This is a wheel-thrown bowl approximately 7 1/4 inches wide and just over 2 3/4 inches tall. It has a distinct bowl shape, with a subtle difference in curvature to the body; towards the base it is belled outward, curving back in towards the top and flaring out slightly at the rim before it rolls back upright to a rounded lip. The base, small than the body in width, is tucked beneath the lower curve, with a flat, untouched bottom and carved-out upper foot. I glazed it in Cobalt, and trimmed the rim, around the foot and the inner base with white; the lip is slightly green just below the top, while the crest and down either side - though primarily the inner surface - is a far, far lighter variegated blue hue; the latter surfaces have taken on a dripping effect reminiscent of lace or frothed waves creeping across a beach in the patchwork shape and stippled texture. The bottom of the inner surface was also brushed in white, resulting in a similar color and texture effect as the rim, and a small patch of the same just above the inner base.

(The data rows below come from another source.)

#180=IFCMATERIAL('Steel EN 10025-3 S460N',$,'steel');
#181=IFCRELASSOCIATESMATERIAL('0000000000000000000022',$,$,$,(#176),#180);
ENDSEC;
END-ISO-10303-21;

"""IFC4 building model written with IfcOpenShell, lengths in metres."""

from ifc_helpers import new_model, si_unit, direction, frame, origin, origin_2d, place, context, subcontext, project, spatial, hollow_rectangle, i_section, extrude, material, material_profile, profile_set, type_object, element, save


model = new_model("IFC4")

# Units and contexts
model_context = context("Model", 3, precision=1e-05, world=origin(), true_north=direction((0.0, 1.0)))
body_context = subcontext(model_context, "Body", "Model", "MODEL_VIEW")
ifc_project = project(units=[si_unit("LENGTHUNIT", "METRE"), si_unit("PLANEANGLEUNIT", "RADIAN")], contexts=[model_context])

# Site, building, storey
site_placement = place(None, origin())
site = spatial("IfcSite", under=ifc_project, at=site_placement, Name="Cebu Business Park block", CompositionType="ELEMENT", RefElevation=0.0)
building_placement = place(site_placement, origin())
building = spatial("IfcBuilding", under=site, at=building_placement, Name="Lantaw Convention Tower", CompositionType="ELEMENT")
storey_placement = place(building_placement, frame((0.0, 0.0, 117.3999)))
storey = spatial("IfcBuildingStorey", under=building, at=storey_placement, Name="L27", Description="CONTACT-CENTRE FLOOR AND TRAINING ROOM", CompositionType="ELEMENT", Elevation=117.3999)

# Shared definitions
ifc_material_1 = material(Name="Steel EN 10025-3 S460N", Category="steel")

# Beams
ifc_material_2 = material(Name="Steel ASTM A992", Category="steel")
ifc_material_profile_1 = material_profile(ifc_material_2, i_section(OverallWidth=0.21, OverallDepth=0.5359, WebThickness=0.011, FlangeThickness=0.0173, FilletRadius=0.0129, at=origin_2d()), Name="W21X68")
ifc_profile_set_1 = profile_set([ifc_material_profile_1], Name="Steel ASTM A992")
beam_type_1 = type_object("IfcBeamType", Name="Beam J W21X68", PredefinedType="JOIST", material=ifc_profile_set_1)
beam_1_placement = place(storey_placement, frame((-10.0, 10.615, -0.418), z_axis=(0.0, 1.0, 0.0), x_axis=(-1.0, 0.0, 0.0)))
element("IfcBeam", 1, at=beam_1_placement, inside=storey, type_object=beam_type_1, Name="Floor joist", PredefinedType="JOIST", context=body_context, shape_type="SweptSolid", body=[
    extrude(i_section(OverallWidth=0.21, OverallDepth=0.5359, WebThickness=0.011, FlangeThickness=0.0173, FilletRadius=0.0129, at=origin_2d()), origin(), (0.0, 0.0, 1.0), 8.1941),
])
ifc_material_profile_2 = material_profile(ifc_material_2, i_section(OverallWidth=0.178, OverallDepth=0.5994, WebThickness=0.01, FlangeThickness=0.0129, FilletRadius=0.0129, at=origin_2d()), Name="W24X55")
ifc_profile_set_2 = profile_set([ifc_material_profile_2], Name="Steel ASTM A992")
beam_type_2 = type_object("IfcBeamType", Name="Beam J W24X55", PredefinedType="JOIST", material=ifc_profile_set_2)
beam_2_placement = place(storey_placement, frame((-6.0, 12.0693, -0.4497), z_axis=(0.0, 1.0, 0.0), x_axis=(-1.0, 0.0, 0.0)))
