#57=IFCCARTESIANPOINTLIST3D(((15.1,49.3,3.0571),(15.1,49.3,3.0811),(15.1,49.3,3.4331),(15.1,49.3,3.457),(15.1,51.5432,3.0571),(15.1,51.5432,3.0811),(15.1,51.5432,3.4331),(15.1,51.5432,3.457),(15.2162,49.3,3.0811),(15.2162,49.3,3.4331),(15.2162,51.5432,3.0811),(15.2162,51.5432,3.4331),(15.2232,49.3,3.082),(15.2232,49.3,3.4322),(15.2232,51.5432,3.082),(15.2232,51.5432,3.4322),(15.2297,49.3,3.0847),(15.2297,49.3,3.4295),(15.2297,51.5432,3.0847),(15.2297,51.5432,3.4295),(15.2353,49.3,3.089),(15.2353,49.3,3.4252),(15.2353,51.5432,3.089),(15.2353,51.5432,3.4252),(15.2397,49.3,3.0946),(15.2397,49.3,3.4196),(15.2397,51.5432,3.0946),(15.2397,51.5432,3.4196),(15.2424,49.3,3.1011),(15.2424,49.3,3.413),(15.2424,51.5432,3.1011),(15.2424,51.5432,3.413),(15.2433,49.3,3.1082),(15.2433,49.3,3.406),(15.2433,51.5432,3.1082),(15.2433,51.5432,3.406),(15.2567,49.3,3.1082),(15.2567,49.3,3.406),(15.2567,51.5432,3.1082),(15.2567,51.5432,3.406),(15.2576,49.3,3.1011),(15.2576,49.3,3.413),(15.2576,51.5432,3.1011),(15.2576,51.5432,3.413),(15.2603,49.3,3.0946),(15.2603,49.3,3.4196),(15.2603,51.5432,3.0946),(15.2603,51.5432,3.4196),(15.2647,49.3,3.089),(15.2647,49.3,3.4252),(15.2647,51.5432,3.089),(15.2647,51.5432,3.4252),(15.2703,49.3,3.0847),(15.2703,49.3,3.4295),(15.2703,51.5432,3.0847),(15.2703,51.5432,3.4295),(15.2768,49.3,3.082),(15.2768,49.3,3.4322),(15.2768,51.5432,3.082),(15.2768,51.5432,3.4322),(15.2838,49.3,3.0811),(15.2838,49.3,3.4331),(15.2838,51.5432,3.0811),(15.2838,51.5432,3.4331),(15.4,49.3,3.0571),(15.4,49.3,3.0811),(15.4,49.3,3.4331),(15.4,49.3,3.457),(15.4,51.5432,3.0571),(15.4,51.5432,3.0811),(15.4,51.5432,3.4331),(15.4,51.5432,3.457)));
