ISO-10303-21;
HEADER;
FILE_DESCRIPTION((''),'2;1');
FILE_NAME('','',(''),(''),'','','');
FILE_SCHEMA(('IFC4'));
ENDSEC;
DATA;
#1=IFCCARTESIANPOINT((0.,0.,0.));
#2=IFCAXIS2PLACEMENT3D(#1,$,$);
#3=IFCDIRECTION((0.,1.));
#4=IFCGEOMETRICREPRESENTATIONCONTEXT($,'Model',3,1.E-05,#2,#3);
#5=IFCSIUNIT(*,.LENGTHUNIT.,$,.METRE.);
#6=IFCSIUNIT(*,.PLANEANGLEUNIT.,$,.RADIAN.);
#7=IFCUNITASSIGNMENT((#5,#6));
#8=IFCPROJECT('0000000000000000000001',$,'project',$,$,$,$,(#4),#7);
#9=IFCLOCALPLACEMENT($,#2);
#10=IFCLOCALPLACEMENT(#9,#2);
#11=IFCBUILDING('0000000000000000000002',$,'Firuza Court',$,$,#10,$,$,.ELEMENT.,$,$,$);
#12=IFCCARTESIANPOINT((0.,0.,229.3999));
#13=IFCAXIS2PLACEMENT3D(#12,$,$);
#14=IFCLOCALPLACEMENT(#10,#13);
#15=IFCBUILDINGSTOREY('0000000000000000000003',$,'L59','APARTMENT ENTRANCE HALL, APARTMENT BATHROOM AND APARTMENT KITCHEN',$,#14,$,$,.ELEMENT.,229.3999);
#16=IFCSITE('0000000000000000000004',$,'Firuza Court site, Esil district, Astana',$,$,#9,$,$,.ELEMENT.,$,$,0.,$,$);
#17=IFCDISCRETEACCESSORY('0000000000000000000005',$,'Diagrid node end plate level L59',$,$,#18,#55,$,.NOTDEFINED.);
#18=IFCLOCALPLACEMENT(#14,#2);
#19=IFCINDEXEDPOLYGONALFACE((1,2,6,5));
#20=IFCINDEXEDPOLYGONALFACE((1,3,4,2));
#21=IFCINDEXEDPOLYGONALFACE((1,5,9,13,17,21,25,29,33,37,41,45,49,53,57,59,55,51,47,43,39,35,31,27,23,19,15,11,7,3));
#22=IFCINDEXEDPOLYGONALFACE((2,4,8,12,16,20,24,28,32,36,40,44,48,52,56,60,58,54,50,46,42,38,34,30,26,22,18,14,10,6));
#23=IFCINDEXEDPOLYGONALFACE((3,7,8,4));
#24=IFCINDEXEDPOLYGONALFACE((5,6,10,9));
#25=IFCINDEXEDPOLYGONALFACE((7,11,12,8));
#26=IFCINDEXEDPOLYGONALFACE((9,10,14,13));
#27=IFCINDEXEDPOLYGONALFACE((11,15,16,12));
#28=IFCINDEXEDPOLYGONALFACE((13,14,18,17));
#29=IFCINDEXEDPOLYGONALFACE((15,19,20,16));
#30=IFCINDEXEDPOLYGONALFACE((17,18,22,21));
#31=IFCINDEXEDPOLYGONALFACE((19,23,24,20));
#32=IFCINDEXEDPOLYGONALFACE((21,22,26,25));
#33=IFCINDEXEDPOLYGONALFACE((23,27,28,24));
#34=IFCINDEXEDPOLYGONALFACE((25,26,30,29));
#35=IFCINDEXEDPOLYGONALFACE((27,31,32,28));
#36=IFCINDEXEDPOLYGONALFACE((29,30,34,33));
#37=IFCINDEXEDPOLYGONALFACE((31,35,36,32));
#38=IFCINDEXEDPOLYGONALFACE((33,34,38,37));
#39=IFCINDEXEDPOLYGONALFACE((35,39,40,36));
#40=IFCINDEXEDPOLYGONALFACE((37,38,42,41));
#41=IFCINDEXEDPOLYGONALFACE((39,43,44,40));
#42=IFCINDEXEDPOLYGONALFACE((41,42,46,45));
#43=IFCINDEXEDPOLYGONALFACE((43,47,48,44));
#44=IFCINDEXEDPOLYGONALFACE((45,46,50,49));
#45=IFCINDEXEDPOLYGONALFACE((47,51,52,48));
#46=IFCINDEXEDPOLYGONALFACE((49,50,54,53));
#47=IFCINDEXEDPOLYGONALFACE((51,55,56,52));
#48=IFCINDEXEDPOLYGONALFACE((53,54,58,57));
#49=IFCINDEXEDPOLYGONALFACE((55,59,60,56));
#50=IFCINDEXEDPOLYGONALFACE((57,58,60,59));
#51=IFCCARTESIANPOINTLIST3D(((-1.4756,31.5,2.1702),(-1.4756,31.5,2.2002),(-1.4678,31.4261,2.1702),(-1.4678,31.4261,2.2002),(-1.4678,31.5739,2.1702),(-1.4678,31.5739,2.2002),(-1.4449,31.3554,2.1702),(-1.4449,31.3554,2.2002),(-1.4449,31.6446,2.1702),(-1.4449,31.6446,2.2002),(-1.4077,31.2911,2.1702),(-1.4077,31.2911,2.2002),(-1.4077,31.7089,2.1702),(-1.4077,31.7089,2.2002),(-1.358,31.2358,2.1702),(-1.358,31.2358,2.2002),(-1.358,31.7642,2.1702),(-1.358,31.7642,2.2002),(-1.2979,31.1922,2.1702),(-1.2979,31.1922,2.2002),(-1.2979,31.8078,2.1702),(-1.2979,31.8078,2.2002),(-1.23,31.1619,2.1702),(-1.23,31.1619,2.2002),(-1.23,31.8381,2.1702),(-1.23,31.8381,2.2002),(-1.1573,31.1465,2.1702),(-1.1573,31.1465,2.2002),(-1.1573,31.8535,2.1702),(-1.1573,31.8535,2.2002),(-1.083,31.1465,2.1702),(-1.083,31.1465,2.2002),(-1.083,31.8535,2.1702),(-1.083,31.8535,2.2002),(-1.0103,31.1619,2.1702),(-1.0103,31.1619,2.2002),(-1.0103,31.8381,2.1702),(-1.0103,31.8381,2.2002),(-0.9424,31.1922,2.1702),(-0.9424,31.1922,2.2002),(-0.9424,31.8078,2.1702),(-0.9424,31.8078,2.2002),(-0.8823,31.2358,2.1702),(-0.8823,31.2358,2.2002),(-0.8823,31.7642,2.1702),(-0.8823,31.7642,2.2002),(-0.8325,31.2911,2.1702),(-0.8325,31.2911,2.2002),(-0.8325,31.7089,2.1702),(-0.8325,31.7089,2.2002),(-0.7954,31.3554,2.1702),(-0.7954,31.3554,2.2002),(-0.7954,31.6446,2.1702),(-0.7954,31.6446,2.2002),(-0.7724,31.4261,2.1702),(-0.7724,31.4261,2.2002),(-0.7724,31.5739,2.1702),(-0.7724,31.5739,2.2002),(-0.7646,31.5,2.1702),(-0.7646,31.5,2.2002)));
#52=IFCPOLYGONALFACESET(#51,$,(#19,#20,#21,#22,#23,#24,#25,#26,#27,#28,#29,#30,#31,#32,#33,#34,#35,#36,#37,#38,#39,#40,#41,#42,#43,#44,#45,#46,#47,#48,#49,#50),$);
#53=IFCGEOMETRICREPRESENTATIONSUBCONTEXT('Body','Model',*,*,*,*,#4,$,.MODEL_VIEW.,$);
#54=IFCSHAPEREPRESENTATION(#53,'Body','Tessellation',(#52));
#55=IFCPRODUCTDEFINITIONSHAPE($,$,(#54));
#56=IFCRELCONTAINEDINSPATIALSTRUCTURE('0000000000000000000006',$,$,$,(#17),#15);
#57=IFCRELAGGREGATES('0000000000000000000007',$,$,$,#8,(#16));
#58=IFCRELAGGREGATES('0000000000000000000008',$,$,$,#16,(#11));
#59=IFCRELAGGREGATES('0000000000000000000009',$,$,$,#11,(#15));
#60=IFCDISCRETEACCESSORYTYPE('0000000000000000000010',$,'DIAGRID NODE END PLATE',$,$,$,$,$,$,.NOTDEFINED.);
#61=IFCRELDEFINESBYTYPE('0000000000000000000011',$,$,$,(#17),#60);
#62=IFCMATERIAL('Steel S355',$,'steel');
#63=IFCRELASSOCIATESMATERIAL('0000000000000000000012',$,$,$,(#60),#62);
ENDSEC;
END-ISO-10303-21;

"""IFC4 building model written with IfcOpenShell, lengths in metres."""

from ifc_helpers import new_model, si_unit, direction, frame, origin, origin_2d, place, context, subcontext, project, spatial, circle, extrude, material, material_profile, profile_set, type_object, element, save


model = new_model("IFC4")

# Units and contexts
model_context = context("Model", 3, precision=1e-05, world=origin(), true_north=direction((0.0, 1.0)))
body_context = subcontext(model_context, "Body", "Model", "MODEL_VIEW")
ifc_project = project(units=[si_unit("LENGTHUNIT", "METRE"), si_unit("PLANEANGLEUNIT", "RADIAN")], contexts=[model_context])

# Site, building, storey
site_placement = place(None, origin())
site = spatial("IfcSite", under=ifc_project, at=site_placement, Name="Firuza Court site, Esil district, Astana", CompositionType="ELEMENT", RefElevation=0.0)
building_placement = place(site_placement, origin())
building = spatial("IfcBuilding", under=site, at=building_placement, Name="Firuza Court", CompositionType="ELEMENT")
storey_placement = place(building_placement, frame((0.0, 0.0, 229.3999)))
storey = spatial("IfcBuildingStorey", under=building, at=storey_placement, Name="L59", Description="APARTMENT ENTRANCE HALL, APARTMENT BATHROOM AND APARTMENT KITCHEN", CompositionType="ELEMENT", Elevation=229.3999)

# Discrete accessory
ifc_material_1 = material(Name="Steel S355", Category="steel")
ifc_material_profile_1 = material_profile(ifc_material_1, circle(Radius=0.3555, at=origin_2d()), Name="PL D711")
ifc_profile_set_1 = profile_set([ifc_material_profile_1], Name="Steel S355")
discrete_accessory_type = type_object("IfcDiscreteAccessoryType", Name="DIAGRID NODE END PLATE", PredefinedType="NOTDEFINED", material=ifc_profile_set_1)
for number, where, z_axis, x_axis, name in (
    (1, (-1.1201, 31.5, 2.1702), (0.0, 0.0, 1.0), (1.0, 0.0, 0.0), "Diagrid node end plate level L59"),
):
    element("IfcDiscreteAccessory", number, at=place(storey_placement, frame(where, z_axis=z_axis, x_axis=x_axis)), inside=storey, type_object=discrete_accessory_type, Name=name, PredefinedType="NOTDEFINED", context=body_context, shape_type="SweptSolid", body=[
        extrude(circle(Radius=0.3555, at=origin_2d()), origin(), (0.0, 0.0, 1.0), 0.03),
    ])

save(model, "model.ifc")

The texture of the glaze on this one reminds me of the Sun's surface, with all its convection cells and the tendril-like spikes marking the boundaries of a Sunspot - except in this one, the order of which is outside what is reversed and the colors aren't fire!

This is a wheel-thrown bowl approximately 4 1/3 inches wide and 2 1/4 inches tall. It has a deep body that bells out from the base, with a thin, sharp tip. The base is flat on the bottom, while the sides are straight until the body with a slight flip-out at the edge. The outer body is glazed a dark cobalt blue, while the inner surface is cobalt over shadow green and the lip thickened with black. The result after it was pulled from the kiln is a blue-black drip down the rim with the lower edge bordered in black with an outer-edge tracing of light blue. The inside rim also dripped down, but in a finger-like, cilia-esque pattern; the blue and green combined to create a patchwork of seaweed-teal and blue with a primarily stippled texture.




This is a wheel-thrown bowl 6 1/4 inches wide and 2 1/2 inches tall. It has a deep body that slants outward from the rounded base at an angle; the lip is flattened with edges, and the bottom of the base has a wide, shallow foot. It was glazed in thin, light powder-blue with black on the rim that drips down on both sides and black splattering on the inside. The black is watered to a gray by the blue, and the flat top of the lip has a deep blue-black hue; the basal clay shows through the blue glaze, primarily on the inner surface due to surface texture from the throwing process.